A Workload Mapping Method For Multicore systems Using Cross-run Statistics

Open Access
Author:
Aktasoglu, Mahmut Sami
Graduate Program:
Computer Science and Engineering
Degree:
Master of Science
Document Type:
Master Thesis
Date of Defense:
July 06, 2012
Committee Members:
  • Mahmut Taylan Kandemir, Thesis Advisor
Keywords:
  • Chip Multiprocessors
  • run-time systems
  • application mapping/scheduling
  • cache optimization
Abstract:
Multicore architectures have become the design of choice in today’s microprocessor market. Due to the significant strides made in process technology and poor scalability of the monolithic design, multicore processors are used in more and more devices nowadays. Multicore processors provide applications with a variety of resources in a single chip such as caches, memory controllers, etc. It is not a trivial task, however, to utilize such resources among applications efficiently due to dynamic and unpredictable nature of destructive interference among applications. Multicore systems and operating systems (OS) offer a limited number of tools to manage on-chip resources. Some hardware solutions existing in today’s multicore architectures are Dynamic Voltage/Frequency Scaling (DVFS) and capability of switching the cores on/off. Software solutions offered by operating systems are limited to use underlying architecture’s methods and scheduling.

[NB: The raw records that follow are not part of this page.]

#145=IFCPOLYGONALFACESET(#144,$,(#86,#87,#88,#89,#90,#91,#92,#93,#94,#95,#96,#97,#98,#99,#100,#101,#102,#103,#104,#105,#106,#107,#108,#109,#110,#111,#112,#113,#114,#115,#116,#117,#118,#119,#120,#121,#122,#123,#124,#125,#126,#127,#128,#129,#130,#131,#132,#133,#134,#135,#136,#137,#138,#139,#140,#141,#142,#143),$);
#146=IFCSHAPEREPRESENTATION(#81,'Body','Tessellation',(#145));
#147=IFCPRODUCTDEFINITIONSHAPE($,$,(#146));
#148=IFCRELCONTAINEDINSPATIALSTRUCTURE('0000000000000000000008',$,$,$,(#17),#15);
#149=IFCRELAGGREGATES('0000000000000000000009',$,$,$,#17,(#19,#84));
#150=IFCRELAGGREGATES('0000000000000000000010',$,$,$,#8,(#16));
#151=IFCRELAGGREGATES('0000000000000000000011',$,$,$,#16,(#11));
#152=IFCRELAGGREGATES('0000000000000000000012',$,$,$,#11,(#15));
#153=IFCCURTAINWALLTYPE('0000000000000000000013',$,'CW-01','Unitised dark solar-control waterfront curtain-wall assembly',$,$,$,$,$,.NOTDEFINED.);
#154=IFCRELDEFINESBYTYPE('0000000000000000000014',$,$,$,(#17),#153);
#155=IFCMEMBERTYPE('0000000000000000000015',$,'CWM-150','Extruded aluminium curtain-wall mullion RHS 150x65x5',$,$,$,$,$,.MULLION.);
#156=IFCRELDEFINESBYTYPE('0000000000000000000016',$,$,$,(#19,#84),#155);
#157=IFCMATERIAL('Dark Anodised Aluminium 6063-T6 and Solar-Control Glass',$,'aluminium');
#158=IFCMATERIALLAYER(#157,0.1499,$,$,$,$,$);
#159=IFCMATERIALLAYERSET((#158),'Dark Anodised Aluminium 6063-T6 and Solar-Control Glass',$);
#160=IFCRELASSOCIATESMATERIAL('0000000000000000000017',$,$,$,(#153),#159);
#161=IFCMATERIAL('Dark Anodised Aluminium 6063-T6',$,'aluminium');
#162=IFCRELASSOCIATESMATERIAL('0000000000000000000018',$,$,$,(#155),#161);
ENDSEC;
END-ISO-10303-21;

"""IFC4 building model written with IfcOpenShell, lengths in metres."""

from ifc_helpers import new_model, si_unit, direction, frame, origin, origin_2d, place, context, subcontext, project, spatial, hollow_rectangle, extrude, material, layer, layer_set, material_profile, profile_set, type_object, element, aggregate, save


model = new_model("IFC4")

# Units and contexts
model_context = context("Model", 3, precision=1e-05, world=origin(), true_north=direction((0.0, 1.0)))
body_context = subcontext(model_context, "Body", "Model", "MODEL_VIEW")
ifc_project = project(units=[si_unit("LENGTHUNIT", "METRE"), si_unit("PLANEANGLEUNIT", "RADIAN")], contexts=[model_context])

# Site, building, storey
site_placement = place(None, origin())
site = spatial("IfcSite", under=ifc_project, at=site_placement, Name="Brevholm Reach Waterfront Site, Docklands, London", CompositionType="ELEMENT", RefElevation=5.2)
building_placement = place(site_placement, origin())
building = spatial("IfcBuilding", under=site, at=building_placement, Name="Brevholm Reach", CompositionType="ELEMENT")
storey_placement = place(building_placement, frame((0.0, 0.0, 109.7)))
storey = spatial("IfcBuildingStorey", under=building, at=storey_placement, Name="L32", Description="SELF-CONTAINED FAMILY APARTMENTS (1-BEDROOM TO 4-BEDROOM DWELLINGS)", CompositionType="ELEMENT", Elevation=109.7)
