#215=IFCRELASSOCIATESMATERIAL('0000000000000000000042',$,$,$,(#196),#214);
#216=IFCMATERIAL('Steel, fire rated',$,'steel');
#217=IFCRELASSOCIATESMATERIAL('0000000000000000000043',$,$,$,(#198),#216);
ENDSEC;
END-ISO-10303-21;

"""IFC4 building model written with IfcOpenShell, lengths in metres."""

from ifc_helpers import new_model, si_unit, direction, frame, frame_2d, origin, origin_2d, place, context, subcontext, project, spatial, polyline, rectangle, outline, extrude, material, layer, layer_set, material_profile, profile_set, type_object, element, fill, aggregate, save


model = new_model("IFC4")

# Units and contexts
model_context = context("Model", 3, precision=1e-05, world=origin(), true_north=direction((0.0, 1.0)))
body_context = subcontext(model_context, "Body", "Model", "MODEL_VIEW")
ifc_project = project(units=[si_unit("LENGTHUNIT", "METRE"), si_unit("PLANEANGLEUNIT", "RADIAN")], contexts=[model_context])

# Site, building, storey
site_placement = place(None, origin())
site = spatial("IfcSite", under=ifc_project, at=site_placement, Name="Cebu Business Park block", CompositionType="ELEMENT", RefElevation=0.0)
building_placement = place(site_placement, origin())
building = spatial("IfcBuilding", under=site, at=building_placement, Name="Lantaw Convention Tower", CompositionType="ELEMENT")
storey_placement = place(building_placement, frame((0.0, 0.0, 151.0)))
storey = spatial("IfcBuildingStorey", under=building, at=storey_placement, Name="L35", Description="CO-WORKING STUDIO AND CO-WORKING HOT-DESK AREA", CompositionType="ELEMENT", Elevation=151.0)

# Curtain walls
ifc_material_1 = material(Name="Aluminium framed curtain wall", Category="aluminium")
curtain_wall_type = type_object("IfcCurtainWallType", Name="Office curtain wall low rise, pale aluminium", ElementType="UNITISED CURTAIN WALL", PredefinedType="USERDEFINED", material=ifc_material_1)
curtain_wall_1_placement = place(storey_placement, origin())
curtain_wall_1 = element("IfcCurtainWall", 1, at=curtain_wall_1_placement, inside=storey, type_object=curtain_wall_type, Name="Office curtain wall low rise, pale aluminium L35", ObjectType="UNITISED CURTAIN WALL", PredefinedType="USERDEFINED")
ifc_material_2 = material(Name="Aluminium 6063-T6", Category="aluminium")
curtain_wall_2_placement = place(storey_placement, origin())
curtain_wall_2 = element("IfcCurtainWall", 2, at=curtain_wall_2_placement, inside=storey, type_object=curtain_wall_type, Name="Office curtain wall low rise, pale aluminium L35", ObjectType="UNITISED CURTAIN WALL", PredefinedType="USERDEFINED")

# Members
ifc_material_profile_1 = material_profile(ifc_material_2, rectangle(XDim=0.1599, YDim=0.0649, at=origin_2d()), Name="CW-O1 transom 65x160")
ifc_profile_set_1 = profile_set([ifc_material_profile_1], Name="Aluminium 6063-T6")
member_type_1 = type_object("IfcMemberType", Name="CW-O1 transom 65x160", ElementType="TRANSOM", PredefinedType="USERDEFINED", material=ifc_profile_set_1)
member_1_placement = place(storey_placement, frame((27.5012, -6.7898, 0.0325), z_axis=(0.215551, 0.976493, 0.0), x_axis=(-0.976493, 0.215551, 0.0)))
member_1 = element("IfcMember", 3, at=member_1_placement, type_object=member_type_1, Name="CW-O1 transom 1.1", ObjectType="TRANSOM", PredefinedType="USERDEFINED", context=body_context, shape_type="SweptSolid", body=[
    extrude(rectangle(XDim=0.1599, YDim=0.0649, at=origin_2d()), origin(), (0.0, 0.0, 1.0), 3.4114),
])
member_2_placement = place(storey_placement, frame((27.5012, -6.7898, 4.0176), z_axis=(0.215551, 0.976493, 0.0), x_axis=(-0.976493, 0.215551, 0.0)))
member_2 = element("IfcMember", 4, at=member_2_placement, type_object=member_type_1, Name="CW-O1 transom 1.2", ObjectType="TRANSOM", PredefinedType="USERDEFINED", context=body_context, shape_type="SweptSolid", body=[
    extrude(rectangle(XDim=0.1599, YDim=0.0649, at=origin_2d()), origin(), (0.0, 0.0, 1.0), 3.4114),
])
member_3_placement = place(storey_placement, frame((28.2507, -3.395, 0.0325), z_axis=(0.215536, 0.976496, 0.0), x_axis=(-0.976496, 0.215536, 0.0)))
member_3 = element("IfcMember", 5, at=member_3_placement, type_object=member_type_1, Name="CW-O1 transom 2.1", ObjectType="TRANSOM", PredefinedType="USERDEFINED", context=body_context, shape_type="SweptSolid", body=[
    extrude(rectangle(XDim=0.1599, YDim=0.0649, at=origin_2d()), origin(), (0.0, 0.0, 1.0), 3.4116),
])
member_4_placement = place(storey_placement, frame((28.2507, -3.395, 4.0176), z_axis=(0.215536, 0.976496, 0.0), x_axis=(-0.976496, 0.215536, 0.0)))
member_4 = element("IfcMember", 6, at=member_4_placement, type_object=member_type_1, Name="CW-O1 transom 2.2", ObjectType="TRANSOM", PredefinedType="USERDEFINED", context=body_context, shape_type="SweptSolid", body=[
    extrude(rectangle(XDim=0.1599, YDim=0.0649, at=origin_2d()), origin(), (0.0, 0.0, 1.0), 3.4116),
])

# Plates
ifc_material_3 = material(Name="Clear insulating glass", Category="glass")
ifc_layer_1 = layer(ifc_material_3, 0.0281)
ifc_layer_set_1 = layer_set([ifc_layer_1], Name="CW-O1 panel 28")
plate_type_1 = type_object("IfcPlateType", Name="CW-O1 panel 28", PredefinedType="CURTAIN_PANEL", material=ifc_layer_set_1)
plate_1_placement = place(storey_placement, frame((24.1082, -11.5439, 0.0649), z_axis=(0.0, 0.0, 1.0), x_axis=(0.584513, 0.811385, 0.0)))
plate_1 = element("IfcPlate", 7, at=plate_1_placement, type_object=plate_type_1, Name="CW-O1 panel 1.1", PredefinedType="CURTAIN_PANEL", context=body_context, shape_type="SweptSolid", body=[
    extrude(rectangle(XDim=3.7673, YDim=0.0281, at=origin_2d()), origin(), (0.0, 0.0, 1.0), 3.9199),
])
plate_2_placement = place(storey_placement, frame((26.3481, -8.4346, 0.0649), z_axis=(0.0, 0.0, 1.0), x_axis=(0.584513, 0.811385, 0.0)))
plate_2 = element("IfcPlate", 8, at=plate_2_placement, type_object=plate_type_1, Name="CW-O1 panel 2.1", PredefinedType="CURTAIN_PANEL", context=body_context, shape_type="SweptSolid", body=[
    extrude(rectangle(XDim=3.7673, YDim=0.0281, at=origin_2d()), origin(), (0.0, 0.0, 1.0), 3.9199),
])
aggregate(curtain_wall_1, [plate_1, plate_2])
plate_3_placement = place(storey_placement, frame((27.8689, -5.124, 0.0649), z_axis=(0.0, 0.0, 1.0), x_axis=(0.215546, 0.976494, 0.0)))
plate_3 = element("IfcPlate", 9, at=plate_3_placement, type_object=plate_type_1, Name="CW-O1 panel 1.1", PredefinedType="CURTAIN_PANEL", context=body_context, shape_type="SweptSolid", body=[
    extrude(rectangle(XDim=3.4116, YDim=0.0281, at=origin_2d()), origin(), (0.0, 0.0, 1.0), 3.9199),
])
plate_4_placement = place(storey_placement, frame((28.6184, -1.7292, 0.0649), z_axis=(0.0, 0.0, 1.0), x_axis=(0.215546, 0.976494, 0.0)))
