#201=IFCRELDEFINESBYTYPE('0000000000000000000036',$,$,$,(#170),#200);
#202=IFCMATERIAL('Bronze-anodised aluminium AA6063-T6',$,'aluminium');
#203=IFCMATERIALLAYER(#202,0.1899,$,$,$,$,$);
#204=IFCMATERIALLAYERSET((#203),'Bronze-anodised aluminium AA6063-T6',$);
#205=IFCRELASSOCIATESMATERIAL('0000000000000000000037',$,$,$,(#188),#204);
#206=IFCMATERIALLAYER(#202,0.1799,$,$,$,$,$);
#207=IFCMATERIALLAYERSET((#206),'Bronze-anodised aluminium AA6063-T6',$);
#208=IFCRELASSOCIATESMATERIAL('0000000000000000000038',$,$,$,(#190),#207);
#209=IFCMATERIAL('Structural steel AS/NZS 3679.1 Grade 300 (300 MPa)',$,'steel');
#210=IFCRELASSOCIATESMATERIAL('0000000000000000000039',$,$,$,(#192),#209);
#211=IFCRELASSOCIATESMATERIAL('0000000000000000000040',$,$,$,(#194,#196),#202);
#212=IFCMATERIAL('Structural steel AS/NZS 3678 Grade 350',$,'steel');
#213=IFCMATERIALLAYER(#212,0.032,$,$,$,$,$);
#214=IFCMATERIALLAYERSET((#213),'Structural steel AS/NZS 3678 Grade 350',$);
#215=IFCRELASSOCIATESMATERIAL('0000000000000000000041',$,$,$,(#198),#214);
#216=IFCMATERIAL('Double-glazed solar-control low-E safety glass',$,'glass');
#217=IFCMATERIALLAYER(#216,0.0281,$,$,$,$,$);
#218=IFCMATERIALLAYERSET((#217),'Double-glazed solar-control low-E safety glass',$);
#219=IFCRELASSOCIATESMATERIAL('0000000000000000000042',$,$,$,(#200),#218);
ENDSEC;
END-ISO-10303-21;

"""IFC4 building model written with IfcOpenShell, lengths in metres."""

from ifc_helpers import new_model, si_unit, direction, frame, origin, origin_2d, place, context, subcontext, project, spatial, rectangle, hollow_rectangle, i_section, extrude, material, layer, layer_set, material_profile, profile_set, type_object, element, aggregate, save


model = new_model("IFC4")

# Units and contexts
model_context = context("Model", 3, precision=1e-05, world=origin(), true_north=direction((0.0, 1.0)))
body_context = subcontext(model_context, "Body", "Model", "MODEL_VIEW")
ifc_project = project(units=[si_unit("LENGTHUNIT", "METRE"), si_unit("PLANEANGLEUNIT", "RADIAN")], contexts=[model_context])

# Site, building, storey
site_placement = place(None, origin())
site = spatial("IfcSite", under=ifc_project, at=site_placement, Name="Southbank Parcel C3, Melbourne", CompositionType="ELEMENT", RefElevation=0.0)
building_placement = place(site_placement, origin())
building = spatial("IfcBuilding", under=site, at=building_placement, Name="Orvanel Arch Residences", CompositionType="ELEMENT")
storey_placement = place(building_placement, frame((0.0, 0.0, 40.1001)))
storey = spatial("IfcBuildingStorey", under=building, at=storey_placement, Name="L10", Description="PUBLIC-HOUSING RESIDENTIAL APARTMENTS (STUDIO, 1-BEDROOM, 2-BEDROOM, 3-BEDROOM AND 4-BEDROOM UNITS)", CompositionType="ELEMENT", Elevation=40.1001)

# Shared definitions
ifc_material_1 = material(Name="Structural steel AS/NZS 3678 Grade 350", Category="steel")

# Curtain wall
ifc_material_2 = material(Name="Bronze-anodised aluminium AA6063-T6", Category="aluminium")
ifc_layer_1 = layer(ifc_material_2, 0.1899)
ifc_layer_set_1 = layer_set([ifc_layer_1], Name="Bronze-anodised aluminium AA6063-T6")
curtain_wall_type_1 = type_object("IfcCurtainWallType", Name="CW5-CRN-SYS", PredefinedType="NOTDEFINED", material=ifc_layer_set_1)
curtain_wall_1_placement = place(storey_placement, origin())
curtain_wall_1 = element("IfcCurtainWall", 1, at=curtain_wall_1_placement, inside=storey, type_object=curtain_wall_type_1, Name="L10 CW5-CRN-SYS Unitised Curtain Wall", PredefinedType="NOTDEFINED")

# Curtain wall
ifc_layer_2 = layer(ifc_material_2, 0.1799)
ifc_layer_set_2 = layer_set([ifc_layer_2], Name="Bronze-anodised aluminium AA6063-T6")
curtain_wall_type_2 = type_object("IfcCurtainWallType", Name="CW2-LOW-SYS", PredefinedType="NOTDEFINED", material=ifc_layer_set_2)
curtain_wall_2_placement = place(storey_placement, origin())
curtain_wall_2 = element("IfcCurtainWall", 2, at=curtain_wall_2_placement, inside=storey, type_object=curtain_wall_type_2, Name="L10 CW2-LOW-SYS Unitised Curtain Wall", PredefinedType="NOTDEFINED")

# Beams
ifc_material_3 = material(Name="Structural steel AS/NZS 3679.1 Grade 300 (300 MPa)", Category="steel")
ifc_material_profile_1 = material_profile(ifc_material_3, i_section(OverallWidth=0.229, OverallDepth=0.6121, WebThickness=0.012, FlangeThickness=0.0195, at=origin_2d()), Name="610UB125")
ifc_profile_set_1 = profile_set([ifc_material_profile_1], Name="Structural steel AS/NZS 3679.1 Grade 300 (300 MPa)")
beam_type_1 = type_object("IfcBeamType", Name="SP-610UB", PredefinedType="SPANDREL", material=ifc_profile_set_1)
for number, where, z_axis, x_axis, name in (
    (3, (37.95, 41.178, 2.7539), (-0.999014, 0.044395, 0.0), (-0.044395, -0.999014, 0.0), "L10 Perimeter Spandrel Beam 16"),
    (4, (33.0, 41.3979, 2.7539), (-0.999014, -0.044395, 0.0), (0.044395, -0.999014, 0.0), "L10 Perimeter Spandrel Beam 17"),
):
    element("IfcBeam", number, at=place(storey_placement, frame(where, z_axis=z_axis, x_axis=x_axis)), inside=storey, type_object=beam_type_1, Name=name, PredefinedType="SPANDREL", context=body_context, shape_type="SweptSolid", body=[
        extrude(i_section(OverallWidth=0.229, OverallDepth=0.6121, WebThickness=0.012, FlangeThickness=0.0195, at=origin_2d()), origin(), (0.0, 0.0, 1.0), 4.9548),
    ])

Scheduling in multicore systems is a means of providing applications and threads access to system resources. OS schedulers not only decides when to dispatch application threads, but also maps them to specific cores which defines the resources available for the thread. Therefore, application mapping is a key method for mapping resources to applications on systems level. To better utilize resources where multiple application threads are running, resource-application mapping problem has to be addressed. In this work, we address the problem by presenting a resource-application mapping method using cross-run statistics. Our work is unique in the sense that our method handles various architectures and workload sizes while exploiting the data collected from prior executions of the applications, i.e., cross-run statistics. We present an algorithm which uses these statistics to decide the mapping between applications and system resources to improve overall performance. Our results collected on commercial machines show that our scheme can improve overall system performance by up to 20% over the default OS scheduler.